# How much anti-matter is needed for an anti-matter propelled rocket to reach $P$ % ($P\lt{100}$) of the speed of light (c)?

I think this is a tough one.
Imagine a rocket is produced which is propelled by a matter-anti-matter device. Its sole purpose is to reach high velocity. Which means the mass can be kept low, say $$m$$ kilograms. Let's assume it starts in an ideal, infinite, and flat spacetime. By ideal, I mean that there is no real matter, dark matter, or dark energy present.

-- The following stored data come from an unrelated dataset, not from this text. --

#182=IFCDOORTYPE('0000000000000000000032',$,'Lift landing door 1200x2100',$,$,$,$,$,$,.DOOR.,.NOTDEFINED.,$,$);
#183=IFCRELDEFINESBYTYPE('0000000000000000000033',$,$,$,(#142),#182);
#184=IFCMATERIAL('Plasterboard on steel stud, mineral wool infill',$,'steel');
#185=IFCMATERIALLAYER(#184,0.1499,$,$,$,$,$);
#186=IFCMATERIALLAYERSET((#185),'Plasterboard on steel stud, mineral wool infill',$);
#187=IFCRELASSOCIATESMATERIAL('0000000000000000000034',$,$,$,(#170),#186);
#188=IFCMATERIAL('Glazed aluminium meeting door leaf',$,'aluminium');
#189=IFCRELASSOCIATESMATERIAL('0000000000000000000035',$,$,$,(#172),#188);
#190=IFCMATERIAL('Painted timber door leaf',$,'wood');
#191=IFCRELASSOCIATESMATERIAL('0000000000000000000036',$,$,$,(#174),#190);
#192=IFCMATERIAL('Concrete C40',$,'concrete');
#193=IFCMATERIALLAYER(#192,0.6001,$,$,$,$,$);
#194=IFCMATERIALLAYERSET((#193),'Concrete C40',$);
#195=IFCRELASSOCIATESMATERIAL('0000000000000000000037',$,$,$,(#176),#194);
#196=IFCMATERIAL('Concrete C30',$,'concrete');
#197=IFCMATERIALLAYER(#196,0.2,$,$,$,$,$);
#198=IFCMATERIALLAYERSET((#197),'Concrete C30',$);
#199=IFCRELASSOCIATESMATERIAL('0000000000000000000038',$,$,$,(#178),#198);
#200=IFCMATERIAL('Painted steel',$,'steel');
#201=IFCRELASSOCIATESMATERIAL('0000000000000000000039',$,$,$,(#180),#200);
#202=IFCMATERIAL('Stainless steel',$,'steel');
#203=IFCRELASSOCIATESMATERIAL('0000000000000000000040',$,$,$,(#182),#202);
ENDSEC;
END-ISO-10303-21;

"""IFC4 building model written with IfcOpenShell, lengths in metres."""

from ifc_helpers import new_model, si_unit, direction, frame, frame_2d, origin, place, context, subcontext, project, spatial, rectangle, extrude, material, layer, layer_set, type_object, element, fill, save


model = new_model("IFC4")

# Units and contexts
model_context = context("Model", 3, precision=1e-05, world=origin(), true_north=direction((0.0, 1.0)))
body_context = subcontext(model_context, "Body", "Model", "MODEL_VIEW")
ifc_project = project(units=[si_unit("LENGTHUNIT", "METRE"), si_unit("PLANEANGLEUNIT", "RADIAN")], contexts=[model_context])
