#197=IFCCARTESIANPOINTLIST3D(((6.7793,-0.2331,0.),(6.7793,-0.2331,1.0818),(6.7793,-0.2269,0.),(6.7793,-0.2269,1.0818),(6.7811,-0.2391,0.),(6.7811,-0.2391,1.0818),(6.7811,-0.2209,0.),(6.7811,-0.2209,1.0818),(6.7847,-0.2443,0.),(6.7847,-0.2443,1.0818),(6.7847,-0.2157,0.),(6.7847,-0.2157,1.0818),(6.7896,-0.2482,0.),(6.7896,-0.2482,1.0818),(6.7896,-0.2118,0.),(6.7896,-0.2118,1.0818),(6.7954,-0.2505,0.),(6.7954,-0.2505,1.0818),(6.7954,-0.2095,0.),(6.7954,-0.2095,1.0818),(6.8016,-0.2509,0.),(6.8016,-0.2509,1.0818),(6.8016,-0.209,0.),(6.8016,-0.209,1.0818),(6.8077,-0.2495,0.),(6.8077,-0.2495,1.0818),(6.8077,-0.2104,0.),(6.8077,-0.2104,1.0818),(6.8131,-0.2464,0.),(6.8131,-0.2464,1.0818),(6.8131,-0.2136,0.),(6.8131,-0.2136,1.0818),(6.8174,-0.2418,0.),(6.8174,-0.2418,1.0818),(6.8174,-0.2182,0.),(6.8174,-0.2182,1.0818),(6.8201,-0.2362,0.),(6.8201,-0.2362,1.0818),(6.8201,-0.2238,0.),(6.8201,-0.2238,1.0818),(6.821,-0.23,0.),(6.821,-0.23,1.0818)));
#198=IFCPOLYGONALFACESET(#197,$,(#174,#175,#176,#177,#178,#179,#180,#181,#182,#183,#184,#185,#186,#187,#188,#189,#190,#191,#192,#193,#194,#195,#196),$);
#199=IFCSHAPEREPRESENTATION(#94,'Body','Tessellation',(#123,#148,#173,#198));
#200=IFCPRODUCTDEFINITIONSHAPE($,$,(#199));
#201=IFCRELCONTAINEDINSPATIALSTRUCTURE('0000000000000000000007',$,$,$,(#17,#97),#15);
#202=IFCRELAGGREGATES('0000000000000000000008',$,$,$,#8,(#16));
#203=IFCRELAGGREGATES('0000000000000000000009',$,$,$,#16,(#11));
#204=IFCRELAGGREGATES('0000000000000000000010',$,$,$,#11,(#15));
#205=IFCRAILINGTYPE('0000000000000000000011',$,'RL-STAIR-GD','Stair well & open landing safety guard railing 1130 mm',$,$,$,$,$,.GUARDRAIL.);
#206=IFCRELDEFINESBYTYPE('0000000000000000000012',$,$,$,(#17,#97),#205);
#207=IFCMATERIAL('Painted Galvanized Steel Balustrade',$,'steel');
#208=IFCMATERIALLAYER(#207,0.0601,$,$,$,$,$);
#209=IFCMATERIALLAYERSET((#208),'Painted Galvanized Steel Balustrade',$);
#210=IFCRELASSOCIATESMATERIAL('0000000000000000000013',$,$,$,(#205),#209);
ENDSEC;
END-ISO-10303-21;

The rocket's thrust is constant, so when the rocket approaches relativistic speed, the acceleration gets less. Let's assume further that the rocket's restmass stays constant. The mass of the matter and anti-matter (for example, electrons and positrons) is insignificant in comparison to the total restmass of the rocket. The initial velocity is zero and the initial acceleration $$a$$.

My question is simple: How much (kilogram) anti-matter is needed to reach a velocity of $$P$$% of the speed of light?
In other words, what does a general formula to calculate this for every end speed look like?

P.S I assume constant thrust (backward force) contrary to a constant acceleration. The answer of course has to be the same but it takes longer to reach the speed required.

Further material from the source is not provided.